In the case on hand, PW3 the interpreter testified. But other than to say he acted as the interpreter between the appellant and PW6, he was silent on the questions he put to the appellant and in what language, and the latter’s answers. To make matters worse he was also the interpreter between the appellant and DSP. Tavero before whom the appellant confirmed Exhibit A. In my respectful view more details are required of PW3’s evidence to make Exhibit A admissible in law. The conclusion I reach is that the statement ought not to have been admitted in evidence. I reject it in evidence and expunge it from the record.

This, however, is not the end of the matter. Section 227(1) of the Evidence Act provides:

“227. (1) The wrongful admission of evidence shall not of itself be a ground for the reversal of any decision in any case, where it shall appear to the court on appeal that the evidence so admitted cannot reasonably be held to have affected the decision and that such decision would have been the same if such evidence had not been admitted.”

The question arises: Is there any evidence apart from Exhibit A to sustain the verdict of guilt of the appellant There is the evidence of PW1 which the learned trial Judge accepted. There is also evidence that items stolen from the house of the deceased on that fateful night were subsequently found in the appellant’s house during a search conducted by the Police in his presence. These two taken together are adequate to sustain the verdict of guilt entered against the appellant. The conclusion I reach on the admissibility of Exh. A is, therefore, of little comfort to the appellant. The wrongful admission of the statement has not occasioned any miscarriage of justice.
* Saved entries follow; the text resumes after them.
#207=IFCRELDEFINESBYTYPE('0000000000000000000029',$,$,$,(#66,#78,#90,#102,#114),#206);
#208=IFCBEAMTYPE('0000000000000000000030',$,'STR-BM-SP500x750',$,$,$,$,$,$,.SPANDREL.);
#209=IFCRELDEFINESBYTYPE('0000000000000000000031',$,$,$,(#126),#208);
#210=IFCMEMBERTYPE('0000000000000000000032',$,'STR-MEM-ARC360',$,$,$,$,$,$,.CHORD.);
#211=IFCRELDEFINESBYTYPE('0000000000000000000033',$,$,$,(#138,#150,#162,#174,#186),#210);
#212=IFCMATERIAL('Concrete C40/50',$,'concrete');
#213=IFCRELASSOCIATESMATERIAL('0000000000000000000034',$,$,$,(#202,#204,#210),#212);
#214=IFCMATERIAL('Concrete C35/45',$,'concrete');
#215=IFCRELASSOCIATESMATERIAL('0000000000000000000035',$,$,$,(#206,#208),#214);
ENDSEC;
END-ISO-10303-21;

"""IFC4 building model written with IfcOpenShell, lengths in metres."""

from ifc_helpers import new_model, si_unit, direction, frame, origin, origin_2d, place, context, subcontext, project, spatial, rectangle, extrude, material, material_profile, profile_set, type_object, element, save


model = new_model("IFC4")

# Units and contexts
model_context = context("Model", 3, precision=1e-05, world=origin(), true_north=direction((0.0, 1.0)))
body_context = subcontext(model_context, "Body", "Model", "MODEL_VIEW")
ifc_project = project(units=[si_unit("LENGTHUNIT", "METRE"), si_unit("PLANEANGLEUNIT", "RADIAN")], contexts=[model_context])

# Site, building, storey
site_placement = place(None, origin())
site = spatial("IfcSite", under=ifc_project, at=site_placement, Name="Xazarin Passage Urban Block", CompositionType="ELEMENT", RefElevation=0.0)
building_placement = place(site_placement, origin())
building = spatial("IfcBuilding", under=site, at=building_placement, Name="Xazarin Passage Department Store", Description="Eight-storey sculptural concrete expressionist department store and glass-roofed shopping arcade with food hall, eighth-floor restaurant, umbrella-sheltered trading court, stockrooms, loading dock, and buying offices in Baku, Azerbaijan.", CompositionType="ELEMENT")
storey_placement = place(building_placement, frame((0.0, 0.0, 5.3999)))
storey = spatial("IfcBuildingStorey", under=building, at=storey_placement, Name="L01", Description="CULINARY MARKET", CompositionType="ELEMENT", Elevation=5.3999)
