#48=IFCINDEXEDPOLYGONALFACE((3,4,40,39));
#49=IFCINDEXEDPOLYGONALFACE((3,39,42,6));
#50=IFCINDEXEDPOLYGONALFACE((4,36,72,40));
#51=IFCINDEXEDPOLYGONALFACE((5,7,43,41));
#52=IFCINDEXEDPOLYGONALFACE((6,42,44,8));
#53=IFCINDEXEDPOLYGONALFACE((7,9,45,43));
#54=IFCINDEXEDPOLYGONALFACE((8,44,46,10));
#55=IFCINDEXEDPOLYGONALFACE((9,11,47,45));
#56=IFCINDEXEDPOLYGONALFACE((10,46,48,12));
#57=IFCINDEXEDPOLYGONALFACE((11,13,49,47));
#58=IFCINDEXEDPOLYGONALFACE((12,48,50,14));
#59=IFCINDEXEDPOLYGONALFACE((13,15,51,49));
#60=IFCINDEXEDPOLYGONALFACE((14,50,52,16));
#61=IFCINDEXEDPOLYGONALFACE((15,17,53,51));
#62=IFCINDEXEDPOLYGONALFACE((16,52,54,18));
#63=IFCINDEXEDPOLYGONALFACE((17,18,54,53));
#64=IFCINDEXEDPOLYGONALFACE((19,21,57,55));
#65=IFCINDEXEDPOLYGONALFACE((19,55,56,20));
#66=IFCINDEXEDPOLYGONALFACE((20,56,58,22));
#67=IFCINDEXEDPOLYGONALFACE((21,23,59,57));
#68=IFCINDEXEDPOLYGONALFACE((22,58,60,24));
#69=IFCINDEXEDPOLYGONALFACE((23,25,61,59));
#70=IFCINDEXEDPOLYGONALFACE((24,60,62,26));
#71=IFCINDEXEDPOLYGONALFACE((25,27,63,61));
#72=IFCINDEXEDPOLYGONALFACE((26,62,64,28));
Learned counsel for the appellant has also made submissions on two other issues, namely non-consideration of appellant’s defence and PW1 was a tainted witness. I have examined his submissions on these issues and I find no merit in them. The learned trial Judge disbelieved the evidence of the appellant. I have no reason to disagree with the court below when it affirmed the trial court. Both courts also found, and quite rightly, in my respectful view, that PW1 was not a tainted witness. In Ishola v. The State (1978) 9-10 SC 81 at p.100, this court, per Idigbe JSC, admonished –

“We think it is proper to confine this category of witness (i.e. ‘tainted’) to one who is either an ‘accomplice’ or, by the evidence he gives, (whether as witness for the prosecution or defence) may and could be regarded as having some purpose of his own to serve”.

See also Mailayi v. The State(1968) All NLR 116at 123 where this court, per Coker JSC observed:

“Recently there has been a tendency among criminal lawyers to create a category of ‘tainted’ witnesses but as counsel for the appellants did not dilate on this, we do not think that a close consideration of that issue arises in the present case. We however observe that the expression ‘tainted’ is very loose and if its application is not kept within proper bounds a great deal of confusion will be unleashed into an area of evidence which even now is fraught with difficulties.”

We have not been told what purpose of her own PW1 had to serve in the evidence she gave. It was eye witness account of an incident that took place in her presence and of which she was a victim. Would the facts that her husband was killed and she too sustained serious injuries make her a tainted witness when she gave an account of what happened I rather think not.

From all I have been saying above, I find no merit in this appeal which is accordingly dismissed. I affirm the conviction for murder and the sentence of death imposed on the appellant.